# Mexican Citizenship for Mexican Children Born NOB



## coondawg (May 1, 2014)

A friend is helping a Mexican woman deported here with her 3 children born NOB. They need to get Mexican citizenship papers ASAP. Anyone have experience or know where to go to get info? TIA.


----------



## RVGRINGO (May 16, 2007)

She will need her own birth certificate as well as those of the children, proof of residence, all translated into Spanish and apostilled. Spencer (Intercasa) can help and has responded on another site.


----------



## Cristobal (Nov 25, 2014)

Go to the local SRE office. They, unlike Spencer, will give you all the information needed, for free.


----------



## Azuledos (Jan 21, 2010)

There is a new program, begun last Thursday, allowing such children to obtain birth certficates NOB at any consulate. Saw it mentioned on Televisa newscast last night.


----------



## RVGRINGO (May 16, 2007)

Azuledos said:


> There is a new program, begun last Thursday, allowing such children to obtain birth certficates NOB at any consulate. Saw it mentioned on Televisa newscast last night.


The woman was deported from the USA, so I assume she cannot do that. I also assume that the children are now in Mexico with her. Hopefully, she has all the birth certificates and passports for the children.

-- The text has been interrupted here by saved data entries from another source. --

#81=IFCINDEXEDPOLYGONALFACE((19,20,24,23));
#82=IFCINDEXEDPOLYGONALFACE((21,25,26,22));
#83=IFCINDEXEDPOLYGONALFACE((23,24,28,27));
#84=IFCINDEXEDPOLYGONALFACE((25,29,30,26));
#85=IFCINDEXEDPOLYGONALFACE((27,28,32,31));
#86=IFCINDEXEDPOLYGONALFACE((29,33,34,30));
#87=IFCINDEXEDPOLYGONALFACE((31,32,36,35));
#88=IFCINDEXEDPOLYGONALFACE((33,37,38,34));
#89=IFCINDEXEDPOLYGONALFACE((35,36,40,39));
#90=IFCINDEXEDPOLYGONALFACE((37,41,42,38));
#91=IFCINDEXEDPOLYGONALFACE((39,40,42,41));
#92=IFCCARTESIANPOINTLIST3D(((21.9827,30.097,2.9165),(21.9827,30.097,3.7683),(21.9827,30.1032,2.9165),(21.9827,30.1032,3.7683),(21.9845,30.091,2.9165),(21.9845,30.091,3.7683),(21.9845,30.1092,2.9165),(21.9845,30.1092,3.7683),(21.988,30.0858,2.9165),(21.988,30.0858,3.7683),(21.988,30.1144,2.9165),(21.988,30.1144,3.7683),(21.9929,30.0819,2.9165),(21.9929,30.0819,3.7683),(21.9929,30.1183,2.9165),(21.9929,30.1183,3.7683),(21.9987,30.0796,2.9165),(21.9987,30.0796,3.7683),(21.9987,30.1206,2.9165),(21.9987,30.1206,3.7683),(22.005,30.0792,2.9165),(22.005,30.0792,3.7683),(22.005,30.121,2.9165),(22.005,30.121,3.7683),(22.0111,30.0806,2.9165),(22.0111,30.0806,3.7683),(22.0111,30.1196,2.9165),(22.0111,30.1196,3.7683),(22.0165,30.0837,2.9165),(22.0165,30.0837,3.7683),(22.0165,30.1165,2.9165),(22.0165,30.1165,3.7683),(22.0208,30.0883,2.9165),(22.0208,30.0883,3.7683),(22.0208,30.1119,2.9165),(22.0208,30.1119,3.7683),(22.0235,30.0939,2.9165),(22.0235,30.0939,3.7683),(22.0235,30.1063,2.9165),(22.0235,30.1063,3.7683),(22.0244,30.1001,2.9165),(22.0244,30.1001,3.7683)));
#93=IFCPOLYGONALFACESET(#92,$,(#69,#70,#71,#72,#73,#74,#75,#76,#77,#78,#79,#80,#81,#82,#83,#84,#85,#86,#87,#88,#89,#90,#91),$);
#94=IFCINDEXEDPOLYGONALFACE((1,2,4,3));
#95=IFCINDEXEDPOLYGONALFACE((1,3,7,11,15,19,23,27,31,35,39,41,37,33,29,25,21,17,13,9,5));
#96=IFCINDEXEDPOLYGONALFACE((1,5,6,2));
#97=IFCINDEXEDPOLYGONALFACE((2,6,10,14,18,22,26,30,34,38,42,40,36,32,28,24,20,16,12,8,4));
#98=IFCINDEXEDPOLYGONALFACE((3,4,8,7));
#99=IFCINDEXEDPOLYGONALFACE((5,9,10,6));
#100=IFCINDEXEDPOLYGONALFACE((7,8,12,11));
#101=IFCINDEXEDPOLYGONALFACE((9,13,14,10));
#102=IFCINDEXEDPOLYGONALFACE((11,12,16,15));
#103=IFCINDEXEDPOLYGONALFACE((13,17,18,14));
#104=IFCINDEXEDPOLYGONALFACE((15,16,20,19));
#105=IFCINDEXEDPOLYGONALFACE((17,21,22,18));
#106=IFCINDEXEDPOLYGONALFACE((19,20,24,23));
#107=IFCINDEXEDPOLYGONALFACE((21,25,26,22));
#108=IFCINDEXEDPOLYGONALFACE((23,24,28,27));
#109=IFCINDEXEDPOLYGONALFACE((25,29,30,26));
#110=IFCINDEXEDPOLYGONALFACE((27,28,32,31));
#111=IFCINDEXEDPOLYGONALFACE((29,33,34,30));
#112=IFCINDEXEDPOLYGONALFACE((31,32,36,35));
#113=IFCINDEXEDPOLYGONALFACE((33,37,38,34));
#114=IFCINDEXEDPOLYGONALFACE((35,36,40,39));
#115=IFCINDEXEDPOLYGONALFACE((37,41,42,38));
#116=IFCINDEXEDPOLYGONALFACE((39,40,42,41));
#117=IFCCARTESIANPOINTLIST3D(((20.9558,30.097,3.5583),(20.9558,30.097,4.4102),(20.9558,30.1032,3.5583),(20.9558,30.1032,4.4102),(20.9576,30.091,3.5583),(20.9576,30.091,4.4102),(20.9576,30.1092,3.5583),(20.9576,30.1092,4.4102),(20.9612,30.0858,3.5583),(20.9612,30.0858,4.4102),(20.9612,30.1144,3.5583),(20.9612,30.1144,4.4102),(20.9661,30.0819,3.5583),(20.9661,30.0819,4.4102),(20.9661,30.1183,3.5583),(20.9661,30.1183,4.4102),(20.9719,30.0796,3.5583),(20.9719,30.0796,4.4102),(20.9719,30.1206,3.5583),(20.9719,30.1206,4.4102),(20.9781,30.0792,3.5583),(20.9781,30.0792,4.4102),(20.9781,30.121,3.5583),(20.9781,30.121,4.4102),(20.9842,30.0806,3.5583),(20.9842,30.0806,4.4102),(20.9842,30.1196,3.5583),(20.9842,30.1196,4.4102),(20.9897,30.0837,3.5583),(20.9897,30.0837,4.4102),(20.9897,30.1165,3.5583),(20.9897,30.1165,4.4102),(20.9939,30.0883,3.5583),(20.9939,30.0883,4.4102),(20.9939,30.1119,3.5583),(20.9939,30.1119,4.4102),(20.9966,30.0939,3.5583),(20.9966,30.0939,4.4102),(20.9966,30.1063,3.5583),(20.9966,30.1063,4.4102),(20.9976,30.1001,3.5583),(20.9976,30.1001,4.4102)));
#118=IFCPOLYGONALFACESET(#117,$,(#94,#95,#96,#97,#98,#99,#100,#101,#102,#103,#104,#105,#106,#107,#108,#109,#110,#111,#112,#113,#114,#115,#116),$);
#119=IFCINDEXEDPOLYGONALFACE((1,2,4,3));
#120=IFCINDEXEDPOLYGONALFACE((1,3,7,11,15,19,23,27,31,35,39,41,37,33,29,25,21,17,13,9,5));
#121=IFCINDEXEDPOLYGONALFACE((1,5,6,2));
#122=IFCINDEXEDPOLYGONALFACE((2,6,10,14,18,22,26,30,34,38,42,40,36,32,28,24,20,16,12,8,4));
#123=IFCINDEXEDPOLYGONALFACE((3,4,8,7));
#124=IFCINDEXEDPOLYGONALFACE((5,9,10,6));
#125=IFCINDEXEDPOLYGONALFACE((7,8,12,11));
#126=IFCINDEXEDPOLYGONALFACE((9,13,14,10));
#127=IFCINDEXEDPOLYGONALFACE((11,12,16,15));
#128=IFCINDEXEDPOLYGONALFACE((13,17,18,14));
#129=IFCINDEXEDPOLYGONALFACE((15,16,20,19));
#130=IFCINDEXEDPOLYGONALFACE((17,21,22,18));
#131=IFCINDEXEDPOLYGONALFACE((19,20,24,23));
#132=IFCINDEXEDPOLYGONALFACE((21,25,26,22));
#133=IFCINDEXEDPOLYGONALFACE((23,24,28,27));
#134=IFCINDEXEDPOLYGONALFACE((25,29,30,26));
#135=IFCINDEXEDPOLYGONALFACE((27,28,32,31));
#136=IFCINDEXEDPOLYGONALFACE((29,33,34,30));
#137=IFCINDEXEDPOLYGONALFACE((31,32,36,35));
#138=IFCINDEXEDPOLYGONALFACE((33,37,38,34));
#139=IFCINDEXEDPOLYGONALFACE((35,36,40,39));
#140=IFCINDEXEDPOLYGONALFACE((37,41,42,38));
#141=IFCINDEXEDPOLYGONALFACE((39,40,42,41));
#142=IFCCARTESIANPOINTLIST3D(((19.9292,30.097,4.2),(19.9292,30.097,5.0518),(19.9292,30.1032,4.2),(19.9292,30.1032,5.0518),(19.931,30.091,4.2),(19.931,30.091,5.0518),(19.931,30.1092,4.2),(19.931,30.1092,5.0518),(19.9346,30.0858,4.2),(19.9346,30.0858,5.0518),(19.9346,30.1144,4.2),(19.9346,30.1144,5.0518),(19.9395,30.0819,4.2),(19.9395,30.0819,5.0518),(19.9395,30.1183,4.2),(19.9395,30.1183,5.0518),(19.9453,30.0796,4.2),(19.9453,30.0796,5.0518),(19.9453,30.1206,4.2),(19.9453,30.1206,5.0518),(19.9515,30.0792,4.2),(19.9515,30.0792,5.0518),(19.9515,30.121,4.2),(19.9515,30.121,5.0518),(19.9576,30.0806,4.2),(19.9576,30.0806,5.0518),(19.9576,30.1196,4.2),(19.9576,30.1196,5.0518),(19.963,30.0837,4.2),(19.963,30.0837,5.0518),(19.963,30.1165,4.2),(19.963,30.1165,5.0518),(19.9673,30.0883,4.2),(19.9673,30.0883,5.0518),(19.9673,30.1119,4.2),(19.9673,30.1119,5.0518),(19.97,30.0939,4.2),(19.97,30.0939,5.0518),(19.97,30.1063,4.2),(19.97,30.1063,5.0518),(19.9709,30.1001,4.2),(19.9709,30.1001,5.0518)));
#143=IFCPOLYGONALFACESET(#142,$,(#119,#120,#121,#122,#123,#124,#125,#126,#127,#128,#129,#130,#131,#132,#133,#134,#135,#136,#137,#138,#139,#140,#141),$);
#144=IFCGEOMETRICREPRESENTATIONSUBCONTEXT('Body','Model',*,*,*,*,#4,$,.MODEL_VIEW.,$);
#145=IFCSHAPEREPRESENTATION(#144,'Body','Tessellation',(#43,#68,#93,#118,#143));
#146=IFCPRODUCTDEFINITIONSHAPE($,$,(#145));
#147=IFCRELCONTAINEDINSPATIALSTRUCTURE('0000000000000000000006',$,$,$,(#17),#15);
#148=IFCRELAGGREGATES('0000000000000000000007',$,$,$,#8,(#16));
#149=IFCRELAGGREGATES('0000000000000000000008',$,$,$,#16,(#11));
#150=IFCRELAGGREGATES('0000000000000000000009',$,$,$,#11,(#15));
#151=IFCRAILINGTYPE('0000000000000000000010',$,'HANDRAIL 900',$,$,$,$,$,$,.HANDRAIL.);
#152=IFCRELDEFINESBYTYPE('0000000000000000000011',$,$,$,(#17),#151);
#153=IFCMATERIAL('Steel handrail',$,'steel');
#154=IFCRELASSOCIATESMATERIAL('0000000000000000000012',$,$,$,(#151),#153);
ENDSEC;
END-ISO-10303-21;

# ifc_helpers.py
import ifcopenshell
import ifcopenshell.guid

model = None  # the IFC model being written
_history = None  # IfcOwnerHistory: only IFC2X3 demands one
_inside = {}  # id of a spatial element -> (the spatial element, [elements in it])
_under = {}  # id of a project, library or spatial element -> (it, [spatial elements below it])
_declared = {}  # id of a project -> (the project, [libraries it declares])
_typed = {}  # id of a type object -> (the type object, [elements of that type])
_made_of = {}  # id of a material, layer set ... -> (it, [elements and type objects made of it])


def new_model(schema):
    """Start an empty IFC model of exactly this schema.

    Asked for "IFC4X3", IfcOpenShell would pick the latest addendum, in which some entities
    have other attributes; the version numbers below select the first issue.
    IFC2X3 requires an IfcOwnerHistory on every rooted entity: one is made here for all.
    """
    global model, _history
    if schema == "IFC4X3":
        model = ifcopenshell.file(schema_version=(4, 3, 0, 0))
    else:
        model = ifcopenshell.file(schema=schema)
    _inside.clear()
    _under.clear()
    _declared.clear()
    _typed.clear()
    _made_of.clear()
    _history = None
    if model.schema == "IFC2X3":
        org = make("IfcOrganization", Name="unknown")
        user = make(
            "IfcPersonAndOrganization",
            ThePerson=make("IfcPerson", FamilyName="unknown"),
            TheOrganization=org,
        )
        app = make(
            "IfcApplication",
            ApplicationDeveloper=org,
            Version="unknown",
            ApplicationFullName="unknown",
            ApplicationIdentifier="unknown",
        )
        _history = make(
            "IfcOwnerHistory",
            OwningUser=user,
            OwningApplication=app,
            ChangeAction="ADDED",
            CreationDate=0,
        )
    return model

If not, she can get those at a US consulate in Mexico. Her own birth cirtificate, if she does not have it, can be obtained from the registro publico where she was born.


----------



## coondawg (May 1, 2014)

RV, can she get the apostille at an Embassy also?


----------



## RVGRINGO (May 16, 2007)

I think she will have to contact the Secretary of Sate for the state where the documents were issued. We needed a marriage certificate apostilled many years ago, and sent a copy. We got the apostile within a couple of weeks and the fee was minimal, as I recall.


----------